Monday, April 1, 2013

Unconditional

Unconditional as defined by dictionary.com means: not limited by conditions; absolute. As a human, at least for me, uncondtional is a hard concept to accept. Limitless. Nothing can stop it. How many things in life can we honestly say we do unconditionally? Can you think of any? Loving my son and my family are quite possibly the only two things I think even come close. And there are days that would even appear questionable, at least to others. What about our love for Jesus? Is it unconditional, limitless? I know the church answer is yes. But let's face it, life happens and He is the author of our life. Some things are just hard to accept.

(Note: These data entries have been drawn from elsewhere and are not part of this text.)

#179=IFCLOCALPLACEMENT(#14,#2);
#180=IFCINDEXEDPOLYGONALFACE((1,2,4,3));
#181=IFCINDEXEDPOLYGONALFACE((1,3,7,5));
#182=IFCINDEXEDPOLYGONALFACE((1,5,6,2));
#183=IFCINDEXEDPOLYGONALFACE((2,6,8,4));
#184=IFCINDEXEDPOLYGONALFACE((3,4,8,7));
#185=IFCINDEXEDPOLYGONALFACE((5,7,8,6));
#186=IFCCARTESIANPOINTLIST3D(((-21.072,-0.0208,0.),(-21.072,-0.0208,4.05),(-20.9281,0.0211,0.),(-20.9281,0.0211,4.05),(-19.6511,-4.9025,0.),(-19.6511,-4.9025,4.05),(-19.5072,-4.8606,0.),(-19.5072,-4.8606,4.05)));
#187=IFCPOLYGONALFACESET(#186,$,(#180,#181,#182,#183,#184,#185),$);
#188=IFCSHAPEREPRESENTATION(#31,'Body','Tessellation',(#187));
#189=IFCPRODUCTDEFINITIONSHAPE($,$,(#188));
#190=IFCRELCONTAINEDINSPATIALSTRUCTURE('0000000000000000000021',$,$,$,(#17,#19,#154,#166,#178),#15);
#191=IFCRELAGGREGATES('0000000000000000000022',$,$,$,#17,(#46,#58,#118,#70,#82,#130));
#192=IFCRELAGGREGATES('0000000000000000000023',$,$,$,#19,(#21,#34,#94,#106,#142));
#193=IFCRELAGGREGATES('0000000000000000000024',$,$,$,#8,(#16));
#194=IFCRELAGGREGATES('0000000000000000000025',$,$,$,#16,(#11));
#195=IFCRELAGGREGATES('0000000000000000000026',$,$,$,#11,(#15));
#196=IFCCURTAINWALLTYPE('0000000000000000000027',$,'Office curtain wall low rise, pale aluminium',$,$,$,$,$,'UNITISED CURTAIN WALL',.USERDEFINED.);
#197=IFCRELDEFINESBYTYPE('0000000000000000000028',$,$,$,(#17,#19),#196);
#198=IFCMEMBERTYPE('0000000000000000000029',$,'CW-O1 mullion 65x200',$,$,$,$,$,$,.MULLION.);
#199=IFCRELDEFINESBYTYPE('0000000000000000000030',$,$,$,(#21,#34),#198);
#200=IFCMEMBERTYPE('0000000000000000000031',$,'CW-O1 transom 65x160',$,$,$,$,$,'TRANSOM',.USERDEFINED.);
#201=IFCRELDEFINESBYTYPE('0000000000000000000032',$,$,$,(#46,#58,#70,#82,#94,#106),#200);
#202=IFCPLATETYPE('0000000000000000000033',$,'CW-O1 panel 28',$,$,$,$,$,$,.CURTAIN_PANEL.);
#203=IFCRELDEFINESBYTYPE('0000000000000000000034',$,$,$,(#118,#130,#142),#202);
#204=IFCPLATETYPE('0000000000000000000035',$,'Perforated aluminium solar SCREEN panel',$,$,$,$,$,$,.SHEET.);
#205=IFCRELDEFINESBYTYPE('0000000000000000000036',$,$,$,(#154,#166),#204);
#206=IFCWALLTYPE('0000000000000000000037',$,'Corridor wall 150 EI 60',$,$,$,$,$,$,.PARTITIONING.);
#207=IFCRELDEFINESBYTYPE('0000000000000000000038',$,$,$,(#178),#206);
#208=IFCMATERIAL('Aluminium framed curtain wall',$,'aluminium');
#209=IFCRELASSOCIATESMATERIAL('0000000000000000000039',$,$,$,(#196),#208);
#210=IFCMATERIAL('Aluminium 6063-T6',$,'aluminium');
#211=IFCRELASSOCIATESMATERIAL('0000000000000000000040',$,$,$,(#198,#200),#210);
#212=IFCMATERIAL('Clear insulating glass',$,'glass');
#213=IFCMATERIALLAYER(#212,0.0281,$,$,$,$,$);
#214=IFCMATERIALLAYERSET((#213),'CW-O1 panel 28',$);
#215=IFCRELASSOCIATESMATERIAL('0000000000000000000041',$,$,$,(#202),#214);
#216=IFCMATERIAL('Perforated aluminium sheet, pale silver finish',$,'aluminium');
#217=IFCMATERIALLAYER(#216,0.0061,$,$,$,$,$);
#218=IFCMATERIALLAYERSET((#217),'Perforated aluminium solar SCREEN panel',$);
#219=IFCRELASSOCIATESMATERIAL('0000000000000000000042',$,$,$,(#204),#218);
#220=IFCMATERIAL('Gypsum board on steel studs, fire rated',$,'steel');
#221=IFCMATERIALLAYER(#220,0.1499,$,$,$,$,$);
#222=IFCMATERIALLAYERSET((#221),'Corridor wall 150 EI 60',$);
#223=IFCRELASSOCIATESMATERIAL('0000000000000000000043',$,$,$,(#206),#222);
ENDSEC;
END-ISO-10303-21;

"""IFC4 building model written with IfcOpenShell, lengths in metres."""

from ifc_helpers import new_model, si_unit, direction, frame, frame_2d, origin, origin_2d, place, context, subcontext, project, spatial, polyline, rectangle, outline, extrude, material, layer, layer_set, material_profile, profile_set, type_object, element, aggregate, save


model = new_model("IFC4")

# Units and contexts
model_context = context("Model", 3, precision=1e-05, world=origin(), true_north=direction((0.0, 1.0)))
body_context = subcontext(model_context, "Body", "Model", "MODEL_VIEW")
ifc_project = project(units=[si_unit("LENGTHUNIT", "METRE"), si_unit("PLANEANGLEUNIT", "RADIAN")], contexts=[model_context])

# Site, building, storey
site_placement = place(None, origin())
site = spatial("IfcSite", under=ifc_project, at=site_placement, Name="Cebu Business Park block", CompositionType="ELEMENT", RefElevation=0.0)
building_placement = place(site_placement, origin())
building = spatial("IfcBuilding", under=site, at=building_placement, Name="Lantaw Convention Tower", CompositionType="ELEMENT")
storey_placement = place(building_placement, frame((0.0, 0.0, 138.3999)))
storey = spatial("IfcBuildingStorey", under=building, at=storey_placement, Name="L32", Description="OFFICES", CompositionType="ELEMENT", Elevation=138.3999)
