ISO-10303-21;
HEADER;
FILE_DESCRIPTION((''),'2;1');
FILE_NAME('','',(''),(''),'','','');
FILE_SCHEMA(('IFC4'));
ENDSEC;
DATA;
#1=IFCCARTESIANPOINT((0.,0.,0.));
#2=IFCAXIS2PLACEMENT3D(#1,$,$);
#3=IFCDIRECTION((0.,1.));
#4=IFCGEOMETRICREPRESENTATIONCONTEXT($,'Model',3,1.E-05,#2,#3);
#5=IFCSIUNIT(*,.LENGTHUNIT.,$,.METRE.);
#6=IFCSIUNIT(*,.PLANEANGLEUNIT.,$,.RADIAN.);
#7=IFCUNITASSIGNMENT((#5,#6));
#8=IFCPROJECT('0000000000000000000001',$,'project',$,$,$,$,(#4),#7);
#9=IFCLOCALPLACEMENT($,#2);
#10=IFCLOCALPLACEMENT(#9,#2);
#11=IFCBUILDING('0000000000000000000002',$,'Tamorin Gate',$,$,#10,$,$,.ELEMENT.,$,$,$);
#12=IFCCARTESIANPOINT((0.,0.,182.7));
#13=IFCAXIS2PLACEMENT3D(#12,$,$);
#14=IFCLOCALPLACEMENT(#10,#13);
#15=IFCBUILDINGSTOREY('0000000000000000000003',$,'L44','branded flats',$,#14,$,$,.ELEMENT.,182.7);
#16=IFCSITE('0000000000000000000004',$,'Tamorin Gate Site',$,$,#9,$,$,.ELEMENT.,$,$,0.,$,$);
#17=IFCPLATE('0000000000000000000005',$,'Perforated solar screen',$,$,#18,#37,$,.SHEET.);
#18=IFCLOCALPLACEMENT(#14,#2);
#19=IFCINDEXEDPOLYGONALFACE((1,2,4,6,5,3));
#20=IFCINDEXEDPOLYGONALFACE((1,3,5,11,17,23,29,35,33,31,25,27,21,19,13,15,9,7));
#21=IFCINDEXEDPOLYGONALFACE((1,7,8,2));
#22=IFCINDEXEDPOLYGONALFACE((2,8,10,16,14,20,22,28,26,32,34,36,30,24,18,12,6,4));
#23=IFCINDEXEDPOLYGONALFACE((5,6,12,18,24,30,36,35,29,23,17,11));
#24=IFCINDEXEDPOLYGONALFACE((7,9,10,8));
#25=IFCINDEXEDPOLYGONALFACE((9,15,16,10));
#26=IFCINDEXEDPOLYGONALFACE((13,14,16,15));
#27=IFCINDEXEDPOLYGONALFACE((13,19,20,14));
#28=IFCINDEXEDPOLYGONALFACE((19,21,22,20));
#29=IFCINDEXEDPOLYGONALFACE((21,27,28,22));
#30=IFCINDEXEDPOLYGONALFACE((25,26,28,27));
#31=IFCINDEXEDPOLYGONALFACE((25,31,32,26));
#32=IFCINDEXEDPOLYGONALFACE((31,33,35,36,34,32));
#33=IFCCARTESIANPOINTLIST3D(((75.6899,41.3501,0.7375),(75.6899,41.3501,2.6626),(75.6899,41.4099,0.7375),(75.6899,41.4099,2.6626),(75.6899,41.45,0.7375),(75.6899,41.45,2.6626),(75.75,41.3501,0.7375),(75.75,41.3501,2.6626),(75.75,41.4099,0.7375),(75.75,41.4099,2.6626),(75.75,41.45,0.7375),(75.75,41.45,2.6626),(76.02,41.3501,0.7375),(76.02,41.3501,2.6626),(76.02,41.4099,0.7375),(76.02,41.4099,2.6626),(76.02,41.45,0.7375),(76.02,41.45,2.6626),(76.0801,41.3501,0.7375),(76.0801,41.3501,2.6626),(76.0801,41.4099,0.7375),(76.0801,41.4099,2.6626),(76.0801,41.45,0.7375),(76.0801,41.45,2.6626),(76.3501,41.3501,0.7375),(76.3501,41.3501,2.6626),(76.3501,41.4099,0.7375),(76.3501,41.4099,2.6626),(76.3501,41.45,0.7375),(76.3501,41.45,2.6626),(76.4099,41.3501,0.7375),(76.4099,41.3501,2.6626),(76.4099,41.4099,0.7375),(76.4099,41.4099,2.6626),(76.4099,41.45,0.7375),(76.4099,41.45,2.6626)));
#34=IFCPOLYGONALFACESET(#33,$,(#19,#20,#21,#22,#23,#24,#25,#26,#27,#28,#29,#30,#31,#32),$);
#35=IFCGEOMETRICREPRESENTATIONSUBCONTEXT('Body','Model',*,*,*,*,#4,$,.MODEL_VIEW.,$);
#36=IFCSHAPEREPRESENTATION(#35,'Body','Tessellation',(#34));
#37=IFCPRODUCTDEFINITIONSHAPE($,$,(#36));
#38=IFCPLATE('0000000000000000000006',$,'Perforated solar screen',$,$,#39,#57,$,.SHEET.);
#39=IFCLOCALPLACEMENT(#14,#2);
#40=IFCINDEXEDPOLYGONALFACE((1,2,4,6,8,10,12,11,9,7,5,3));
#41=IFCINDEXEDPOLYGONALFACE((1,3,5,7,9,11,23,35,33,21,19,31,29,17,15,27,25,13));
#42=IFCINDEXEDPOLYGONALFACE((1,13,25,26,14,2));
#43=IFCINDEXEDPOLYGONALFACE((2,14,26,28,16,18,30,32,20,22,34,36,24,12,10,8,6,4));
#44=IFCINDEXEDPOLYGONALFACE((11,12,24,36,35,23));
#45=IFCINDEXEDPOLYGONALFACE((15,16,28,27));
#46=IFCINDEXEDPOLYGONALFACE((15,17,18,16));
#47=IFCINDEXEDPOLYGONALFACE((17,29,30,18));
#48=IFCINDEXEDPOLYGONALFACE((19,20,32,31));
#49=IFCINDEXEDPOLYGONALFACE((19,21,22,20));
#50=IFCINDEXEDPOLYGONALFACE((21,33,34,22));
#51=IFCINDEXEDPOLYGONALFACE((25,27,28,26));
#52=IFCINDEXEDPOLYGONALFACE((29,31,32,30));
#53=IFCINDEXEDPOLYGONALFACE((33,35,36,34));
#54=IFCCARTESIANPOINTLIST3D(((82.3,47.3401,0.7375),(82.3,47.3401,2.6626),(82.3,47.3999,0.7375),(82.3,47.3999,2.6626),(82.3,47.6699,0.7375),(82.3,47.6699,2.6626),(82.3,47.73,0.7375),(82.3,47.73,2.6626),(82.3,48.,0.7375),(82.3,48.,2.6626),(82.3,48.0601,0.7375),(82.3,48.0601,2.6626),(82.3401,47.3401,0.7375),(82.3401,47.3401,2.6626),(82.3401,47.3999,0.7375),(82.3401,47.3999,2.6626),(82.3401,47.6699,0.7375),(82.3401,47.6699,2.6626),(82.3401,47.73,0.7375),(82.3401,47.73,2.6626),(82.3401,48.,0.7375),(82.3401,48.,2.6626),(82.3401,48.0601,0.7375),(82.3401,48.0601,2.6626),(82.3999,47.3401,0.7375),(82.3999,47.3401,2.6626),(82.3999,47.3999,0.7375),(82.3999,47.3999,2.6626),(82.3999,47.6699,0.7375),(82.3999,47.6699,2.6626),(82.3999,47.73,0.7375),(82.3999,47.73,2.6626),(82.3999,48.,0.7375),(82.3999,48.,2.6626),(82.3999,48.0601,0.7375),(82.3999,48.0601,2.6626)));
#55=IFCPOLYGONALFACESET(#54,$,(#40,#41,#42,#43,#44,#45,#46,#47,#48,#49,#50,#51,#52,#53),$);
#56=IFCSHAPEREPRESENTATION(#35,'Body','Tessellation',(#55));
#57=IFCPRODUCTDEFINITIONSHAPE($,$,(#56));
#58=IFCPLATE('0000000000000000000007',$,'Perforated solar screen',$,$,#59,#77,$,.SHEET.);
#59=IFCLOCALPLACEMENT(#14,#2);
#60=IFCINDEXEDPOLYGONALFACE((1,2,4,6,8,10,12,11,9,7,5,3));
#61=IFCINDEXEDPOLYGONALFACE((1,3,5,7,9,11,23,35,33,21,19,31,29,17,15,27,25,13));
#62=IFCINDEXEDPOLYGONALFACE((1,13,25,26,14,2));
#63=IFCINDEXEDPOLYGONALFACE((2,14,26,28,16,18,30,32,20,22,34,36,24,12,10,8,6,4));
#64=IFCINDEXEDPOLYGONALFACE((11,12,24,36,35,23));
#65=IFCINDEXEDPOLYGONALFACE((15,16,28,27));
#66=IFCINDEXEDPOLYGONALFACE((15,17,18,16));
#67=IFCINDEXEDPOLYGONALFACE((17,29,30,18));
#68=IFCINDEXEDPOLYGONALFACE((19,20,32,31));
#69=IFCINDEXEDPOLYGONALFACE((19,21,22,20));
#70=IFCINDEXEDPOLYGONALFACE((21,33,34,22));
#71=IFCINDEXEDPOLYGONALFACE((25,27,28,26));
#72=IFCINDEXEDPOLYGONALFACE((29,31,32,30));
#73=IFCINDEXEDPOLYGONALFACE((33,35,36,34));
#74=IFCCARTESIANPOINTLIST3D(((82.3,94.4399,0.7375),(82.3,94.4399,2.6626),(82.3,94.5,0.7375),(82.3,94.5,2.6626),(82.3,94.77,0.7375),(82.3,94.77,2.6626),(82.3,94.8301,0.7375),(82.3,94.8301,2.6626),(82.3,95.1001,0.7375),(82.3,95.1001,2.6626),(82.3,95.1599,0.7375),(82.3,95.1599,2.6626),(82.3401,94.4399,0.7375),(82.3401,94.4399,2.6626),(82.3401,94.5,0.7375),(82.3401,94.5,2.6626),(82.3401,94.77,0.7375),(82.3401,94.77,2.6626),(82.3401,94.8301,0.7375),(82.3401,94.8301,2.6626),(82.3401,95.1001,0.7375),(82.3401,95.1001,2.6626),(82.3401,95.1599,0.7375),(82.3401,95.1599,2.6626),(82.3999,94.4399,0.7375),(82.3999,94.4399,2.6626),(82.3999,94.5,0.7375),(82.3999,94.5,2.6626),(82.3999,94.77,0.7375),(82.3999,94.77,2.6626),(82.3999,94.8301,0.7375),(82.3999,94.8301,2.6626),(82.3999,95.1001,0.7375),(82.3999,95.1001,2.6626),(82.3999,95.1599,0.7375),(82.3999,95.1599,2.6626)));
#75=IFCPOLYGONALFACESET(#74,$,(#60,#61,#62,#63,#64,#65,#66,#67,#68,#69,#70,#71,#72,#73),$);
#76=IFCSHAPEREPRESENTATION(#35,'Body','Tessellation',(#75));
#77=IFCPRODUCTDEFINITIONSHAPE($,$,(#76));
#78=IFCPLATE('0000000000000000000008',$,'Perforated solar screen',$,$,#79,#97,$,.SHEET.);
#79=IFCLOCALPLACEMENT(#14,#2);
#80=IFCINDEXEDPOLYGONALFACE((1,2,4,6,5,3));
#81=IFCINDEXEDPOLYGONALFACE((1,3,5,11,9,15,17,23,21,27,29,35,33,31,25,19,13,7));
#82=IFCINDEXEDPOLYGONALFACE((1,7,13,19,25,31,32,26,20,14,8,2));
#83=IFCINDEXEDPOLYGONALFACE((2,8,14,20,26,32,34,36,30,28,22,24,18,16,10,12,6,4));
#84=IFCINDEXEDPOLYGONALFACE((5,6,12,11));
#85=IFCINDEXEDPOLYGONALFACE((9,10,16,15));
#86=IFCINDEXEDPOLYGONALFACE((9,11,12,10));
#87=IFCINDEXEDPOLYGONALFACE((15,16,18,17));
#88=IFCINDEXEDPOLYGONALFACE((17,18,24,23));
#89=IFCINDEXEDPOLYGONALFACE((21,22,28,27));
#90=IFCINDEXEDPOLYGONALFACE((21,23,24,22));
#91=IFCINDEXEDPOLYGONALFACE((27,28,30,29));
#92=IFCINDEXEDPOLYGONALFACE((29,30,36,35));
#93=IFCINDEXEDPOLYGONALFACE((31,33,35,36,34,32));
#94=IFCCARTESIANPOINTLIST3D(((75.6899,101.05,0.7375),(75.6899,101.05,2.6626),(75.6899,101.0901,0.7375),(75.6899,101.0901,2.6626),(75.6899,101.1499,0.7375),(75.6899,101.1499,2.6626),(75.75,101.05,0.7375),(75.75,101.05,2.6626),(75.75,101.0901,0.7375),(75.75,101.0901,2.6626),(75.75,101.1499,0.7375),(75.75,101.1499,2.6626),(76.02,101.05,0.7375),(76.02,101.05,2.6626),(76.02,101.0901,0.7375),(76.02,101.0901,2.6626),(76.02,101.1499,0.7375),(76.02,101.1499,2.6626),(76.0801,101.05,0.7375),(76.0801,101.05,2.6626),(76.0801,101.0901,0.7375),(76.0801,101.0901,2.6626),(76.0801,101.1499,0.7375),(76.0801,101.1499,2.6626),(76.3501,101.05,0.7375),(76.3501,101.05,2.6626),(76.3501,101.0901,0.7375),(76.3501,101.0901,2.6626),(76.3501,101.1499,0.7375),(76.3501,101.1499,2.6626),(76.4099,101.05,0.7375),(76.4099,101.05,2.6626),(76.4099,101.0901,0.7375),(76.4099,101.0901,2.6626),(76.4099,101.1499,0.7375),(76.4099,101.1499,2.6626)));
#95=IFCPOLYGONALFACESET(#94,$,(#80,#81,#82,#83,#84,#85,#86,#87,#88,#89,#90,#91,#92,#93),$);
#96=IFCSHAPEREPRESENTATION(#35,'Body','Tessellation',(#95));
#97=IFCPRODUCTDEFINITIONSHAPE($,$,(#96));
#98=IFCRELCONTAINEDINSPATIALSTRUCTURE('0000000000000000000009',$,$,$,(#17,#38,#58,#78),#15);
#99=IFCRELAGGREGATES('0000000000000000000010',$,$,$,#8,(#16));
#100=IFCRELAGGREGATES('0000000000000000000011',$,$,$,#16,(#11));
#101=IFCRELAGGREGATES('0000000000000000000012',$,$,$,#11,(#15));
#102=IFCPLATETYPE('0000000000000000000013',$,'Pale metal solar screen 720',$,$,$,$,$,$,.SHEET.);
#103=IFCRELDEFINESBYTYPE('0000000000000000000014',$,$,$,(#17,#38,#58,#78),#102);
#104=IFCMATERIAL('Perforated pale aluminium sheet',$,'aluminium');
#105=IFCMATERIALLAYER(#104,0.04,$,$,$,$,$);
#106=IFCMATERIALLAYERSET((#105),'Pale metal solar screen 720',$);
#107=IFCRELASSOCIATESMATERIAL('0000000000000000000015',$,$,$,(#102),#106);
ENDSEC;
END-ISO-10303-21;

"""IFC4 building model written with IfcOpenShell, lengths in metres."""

from ifc_helpers import new_model, si_unit, direction, frame, origin, place, context, subcontext, project, spatial, polyline, outline, extrude, material, layer, layer_set, type_object, element, save


model = new_model("IFC4")

# Units and contexts
model_context = context("Model", 3, precision=1e-05, world=origin(), true_north=direction((0.0, 1.0)))
body_context = subcontext(model_context, "Body", "Model", "MODEL_VIEW")
ifc_project = project(units=[si_unit("LENGTHUNIT", "METRE"), si_unit("PLANEANGLEUNIT", "RADIAN")], contexts=[model_context])

# Site, building, storey
site_placement = place(None, origin())
site = spatial("IfcSite", under=ifc_project, at=site_placement, Name="Tamorin Gate Site", CompositionType="ELEMENT", RefElevation=0.0)
building_placement = place(site_placement, origin())
building = spatial("IfcBuilding", under=site, at=building_placement, Name="Tamorin Gate", CompositionType="ELEMENT")
storey_placement = place(building_placement, frame((0.0, 0.0, 182.7)))
storey = spatial("IfcBuildingStorey", under=building, at=storey_placement, Name="L44", Description="branded flats", CompositionType="ELEMENT", Elevation=182.7)

# Plates
ifc_material_1 = material(Name="Perforated pale aluminium sheet", Category="aluminium")
ifc_layer_1 = layer(ifc_material_1, 0.04)
ifc_layer_set_1 = layer_set([ifc_layer_1], Name="Pale metal solar screen 720")
plate_type_1 = type_object("IfcPlateType", Name="Pale metal solar screen 720", PredefinedType="SHEET", material=ifc_layer_set_1)
plate_1_placement = place(storey_placement, frame((0.0, 0.0, 0.7375)))
element("IfcPlate", 1, at=plate_1_placement, inside=storey, type_object=plate_type_1, Name="Perforated solar screen", PredefinedType="SHEET", context=body_context, shape_type="SweptSolid", body=[
    extrude(outline(polyline([(75.6899, 41.4099), (75.6899, 41.45), (75.75, 41.45), (76.02, 41.45), (76.0801, 41.45), (76.3501, 41.45), (76.4099, 41.45), (76.4099, 41.4099), (76.4099, 41.3501), (76.3501, 41.3501), (76.3501, 41.4099), (76.0801, 41.4099), (76.0801, 41.3501), (76.02, 41.3501), (76.02, 41.4099), (75.75, 41.4099), (75.75, 41.3501), (75.6899, 41.3501), (75.6899, 41.4099)])), origin(), (0.0, 0.0, 1.0), 1.925),
])
plate_2_placement = place(storey_placement, frame((0.0, 0.0, 0.7375)))
element("IfcPlate", 2, at=plate_2_placement, inside=storey, type_object=plate_type_1, Name="Perforated solar screen", PredefinedType="SHEET", context=body_context, shape_type="SweptSolid", body=[
    extrude(outline(polyline([(82.3401, 47.3401), (82.3, 47.3401), (82.3, 47.3999), (82.3, 47.6699), (82.3, 47.73), (82.3, 48.0), (82.3, 48.0601), (82.3401, 48.0601), (82.3999, 48.0601), (82.3999, 48.0), (82.3401, 48.0), (82.3401, 47.73), (82.3999, 47.73), (82.3999, 47.6699), (82.3401, 47.6699), (82.3401, 47.3999), (82.3999, 47.3999), (82.3999, 47.3401), (82.3401, 47.3401)])), origin(), (0.0, 0.0, 1.0), 1.925),
])
plate_3_placement = place(storey_placement, frame((0.0, 0.0, 0.7375)))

What about when He doesn't answer that prayer you've been praying for a year, 5 years, or 10 years, the way you wanted Him to?

What about when He calls a loved one home when we would deem it too early?

Or maybe when a child dear to us is diagnosed and suffering from cancer or one of many other devastating diseases?

How about when you are jobless, or childless, or without a spouse, or maybe homeless for far too long?

In those very moments is our love unconditional? Quite possibly we didn't actually stop loving God altogether but we may have told Him we've reached our limit. We may have told Him we can't/won't take anymore. For most Christians I believe as we continue to seek God, in these and other heart wrenching circumstances, we begin to see how He plans to use us. Only then are able to hopefully let go of the conditions and limits we may have put on our love during those times.

The most amazing truth I know is that God loves me (and you!) unconditionally. Even though, in my mind, I have disappointed Him countless times. How many times have I decided to do things my way and ask Him about it later? Guess what, He still loves me! Still has plans for me, still uses me and continues to mold me more like Him everyday.

I recently watched the movie "Unconditional" and would highly recommend it to anyone-but be warned, you will need kleenex. Maybe this movie spoke to me because I am a mom raising a boy without a father, but I don't think that's why. There are other storylines in this film and all relate to loving unconditionally, and they all brought me to tears. One of the main characters of the film, which is based on the true story of Papa Joe Bradford's life, shows love to children who are being brought up in circumstances they never asked to be brought into. Circumstances such as poverty, hunger, violence, fatherless children, some motherless as well, are adressed in the film and are realities of so many children everyday. Papa Joe takes children from his community in and cares for them as his own. But you learn he didn't get to this place without first going through his own set of difficult circumstances. Struggling with his own need for someone to love him unconditionally. And then there is Sam, who once was able to love unconditionally but through her own life circumstances, far beyond her control, seems to have lost the ability to do so.

One of my favorite lines in the movie is "It's not a dead end if it leads you some place you need to be". How many times have I felt I failed, or felt I took a wrong turn and got nowhere?  Maybe I should look around and make sure I'm not actually exactly where God intended me to be. What dead ends or seemingly hopeless situations could God bring us to, to teach us more about his unconditional love. I believe only once we truly know this, have experienced this limitless love for ourselves, can we give this love to others.

Lord,
Thank you for loving me unconditionally. As I experience this limitless love you so willingly pour on me, help me unconditionally love those around me. Lord remind me when I am frustrated or disappointed that you are always there. Remind me that you work together all things for your good. Remind me as I try to put limits on you that your yoke is truly easy and you will make the burden light (Matt 11:28-30). You have always and will continue to walk through every difficult situation right by my side. Thank you!